Very helpful.  Thank you!!


----------



## Michael Scott PE (Jan 3, 2020)

I started mine on 12/16 and the only thing left is for Indiana to verify my license.  Everything moved pretty quickly surprisingly.  All of my references were quick to sign off.  My supervisor verified my work experience yesterday afternoon and this morning NCEES marked that portion as approved.

My work experience wasn't super detailed.  It was a general overview of some projects I've been involved with, my roles, the year(s) the projects took place, project size (I'm primarily in renewable energy so I just shared MW), and end-results of the projects.  About 4-6 sentences for each project did the trick.


----------



## Wow_PE! (Jan 3, 2020)

Ok I have submitted my references.  I am almost done typing my experience.  I would say I started getting serious about working on my application Jan 3.  Let’s see how long it takes.  I’m guessing it will take until March before I have my stamp.


----------



## Will.I.Am PE (Jan 6, 2020)

My experience was approved by NCEES. It's a New Year's miracle!


----------



## Wow_PE! (Jan 6, 2020)

I’ve been waiting on them to approve my transcript since dec 20.  I think they are behind?  I’m sure a lot of people take off between Christmas and today.


----------



## Orchid PE (Jan 6, 2020)

My transcript got approved in like 2 days. I noticed this morning that it was approved.


----------



## Wow_PE! (Jan 7, 2020)

Chattaneer PE said:


> My transcript got approved in like 2 days. I noticed this morning that it was approved.

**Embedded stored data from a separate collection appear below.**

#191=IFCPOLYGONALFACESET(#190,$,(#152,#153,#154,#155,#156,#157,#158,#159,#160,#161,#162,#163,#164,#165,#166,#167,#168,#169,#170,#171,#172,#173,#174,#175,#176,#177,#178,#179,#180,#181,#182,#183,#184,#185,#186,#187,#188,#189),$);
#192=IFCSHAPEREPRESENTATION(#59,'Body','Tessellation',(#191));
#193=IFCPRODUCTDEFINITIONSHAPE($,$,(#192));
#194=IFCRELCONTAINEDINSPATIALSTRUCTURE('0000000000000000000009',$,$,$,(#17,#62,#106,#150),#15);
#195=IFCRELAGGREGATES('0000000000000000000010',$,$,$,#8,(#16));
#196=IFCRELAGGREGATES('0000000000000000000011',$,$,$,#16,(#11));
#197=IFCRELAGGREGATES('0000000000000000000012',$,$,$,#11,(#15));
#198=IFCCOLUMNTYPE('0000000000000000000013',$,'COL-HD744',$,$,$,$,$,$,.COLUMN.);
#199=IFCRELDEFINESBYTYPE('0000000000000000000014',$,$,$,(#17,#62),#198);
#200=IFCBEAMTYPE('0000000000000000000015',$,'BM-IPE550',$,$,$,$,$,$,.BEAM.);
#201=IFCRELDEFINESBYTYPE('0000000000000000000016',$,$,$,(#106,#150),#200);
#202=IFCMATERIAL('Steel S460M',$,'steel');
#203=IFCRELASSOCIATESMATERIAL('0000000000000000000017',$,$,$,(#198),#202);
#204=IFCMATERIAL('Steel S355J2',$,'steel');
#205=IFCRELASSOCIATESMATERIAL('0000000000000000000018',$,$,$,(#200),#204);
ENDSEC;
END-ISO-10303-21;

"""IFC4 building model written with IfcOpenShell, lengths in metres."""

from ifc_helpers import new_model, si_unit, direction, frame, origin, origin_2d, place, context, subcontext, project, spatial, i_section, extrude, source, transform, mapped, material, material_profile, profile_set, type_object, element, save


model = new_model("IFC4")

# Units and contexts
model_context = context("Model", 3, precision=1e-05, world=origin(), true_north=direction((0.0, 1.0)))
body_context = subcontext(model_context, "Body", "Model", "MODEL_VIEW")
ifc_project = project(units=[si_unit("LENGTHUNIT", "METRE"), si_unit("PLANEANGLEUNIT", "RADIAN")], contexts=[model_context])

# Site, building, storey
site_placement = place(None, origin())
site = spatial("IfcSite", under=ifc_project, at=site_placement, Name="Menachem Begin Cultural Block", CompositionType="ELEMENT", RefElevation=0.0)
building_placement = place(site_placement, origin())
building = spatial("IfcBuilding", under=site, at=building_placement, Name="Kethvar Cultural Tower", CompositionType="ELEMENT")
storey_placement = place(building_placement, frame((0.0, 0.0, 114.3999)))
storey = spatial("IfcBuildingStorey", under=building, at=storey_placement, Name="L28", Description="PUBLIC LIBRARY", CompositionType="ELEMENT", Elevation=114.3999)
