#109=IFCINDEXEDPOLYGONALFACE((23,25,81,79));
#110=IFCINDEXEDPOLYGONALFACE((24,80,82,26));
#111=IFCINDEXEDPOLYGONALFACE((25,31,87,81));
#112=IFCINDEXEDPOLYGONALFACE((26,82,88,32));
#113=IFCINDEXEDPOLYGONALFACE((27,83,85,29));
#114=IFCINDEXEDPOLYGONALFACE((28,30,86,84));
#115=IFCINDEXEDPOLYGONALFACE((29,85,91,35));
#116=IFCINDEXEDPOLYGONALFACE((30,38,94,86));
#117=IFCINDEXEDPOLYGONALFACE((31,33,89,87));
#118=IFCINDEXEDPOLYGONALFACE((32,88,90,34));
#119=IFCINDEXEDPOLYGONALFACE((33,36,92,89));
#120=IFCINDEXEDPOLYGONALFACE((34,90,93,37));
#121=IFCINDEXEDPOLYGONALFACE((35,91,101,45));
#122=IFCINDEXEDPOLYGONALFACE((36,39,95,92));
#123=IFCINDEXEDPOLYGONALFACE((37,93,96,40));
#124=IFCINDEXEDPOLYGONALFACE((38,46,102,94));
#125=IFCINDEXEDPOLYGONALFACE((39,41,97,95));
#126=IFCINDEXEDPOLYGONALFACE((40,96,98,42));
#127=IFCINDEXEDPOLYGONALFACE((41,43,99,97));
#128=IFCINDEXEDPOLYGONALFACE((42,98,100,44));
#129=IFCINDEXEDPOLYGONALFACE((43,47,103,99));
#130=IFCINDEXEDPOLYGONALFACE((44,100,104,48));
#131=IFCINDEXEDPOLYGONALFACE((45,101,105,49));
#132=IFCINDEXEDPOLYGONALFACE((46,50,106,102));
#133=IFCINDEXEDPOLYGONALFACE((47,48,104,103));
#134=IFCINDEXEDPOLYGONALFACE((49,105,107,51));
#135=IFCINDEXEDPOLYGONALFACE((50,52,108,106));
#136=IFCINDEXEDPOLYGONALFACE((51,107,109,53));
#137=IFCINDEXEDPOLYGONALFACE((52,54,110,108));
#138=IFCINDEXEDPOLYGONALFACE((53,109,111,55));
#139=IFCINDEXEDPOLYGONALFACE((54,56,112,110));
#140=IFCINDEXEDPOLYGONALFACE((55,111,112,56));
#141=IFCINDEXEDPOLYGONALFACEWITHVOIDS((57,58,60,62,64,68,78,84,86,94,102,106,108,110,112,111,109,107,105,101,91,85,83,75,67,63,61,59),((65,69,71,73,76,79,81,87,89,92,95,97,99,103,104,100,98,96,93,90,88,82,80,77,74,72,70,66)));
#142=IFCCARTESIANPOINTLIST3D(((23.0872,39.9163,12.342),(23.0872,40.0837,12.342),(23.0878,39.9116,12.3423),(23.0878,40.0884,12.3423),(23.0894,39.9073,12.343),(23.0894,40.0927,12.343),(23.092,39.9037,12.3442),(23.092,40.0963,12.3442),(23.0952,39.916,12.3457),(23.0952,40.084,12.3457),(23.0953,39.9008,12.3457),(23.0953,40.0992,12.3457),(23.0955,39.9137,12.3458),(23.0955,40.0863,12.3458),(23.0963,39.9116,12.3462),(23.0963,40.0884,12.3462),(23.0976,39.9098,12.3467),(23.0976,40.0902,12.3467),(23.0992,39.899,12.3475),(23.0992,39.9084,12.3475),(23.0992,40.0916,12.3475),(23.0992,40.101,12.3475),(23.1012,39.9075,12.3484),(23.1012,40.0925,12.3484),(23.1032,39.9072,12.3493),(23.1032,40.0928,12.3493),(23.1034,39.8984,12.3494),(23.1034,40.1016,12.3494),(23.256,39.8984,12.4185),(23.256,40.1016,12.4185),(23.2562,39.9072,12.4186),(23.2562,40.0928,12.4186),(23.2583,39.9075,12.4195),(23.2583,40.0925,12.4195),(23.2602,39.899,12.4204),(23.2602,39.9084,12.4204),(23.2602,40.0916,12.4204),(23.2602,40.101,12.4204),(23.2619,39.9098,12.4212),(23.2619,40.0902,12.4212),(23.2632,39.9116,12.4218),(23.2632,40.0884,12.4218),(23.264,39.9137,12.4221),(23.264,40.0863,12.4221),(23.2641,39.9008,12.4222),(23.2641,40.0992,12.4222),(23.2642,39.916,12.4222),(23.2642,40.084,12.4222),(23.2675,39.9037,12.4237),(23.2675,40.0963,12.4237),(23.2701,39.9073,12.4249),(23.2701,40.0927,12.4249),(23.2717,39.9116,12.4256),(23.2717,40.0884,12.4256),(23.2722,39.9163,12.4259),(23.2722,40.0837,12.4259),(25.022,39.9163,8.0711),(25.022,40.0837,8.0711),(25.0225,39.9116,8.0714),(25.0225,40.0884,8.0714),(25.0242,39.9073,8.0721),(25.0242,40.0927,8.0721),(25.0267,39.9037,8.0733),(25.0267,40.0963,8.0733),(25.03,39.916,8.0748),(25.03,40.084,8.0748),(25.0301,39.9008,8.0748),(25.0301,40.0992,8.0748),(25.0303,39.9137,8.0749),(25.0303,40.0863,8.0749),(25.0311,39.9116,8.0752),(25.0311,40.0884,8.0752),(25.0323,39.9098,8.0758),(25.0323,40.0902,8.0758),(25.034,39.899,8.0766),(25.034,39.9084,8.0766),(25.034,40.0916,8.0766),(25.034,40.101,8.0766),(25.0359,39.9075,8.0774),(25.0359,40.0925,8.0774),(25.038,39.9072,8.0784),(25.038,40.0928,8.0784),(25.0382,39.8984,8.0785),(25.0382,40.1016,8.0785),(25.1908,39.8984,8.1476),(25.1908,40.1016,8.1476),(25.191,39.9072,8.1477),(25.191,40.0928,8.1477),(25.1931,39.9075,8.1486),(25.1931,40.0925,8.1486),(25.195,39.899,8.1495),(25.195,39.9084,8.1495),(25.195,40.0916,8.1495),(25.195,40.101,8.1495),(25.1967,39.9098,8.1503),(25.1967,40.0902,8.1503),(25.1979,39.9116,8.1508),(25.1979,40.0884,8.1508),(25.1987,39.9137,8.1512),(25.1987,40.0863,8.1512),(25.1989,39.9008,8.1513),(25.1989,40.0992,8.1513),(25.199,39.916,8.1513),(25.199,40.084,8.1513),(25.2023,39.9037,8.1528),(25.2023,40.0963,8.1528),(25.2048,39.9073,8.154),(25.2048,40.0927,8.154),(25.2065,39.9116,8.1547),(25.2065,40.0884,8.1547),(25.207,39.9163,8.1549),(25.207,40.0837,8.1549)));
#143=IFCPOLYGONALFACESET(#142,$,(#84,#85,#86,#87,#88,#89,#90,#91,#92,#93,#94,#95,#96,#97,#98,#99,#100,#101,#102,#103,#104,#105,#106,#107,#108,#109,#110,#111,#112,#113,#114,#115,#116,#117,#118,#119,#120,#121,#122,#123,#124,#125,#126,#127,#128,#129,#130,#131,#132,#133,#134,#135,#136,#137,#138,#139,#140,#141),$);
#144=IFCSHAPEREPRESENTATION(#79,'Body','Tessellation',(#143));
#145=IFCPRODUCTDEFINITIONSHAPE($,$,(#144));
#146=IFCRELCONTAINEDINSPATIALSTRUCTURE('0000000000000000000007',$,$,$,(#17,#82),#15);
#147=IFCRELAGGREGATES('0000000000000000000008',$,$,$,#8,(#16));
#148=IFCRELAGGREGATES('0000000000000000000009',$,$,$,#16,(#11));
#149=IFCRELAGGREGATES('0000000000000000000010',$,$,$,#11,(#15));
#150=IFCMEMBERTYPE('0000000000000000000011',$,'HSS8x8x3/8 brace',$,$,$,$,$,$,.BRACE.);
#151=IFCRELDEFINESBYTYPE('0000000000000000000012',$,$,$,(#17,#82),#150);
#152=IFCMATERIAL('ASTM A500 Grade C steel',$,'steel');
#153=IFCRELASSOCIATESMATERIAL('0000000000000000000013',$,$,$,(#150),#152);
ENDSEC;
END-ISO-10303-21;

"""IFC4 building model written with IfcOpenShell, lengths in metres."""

Ok if it’s not approved by Friday I’m going to call


----------



## Orchid PE (Jan 7, 2020)

Wow_PE! said:


> Ok if it’s not approved by Friday I’m going to call


Did you do electronic or paper copies?


----------



## Wow_PE! (Jan 7, 2020)

Chattaneer PE said:


> Did you do electronic or paper copies?


Electronic


----------



## MadamPirate PE (Jan 7, 2020)

Wow_PE! said:


> Ok if it’s not approved by Friday I’m going to call


Send them a note using the ? next to your name, like the transcript page says.
They got back to me the next morning.


----------



## Louisianeer (Jan 8, 2020)

Wow_PE! said:


> I’ve been waiting on them to approve my transcript since dec 20.  I think they are behind?  I’m sure a lot of people take off between Christmas and today.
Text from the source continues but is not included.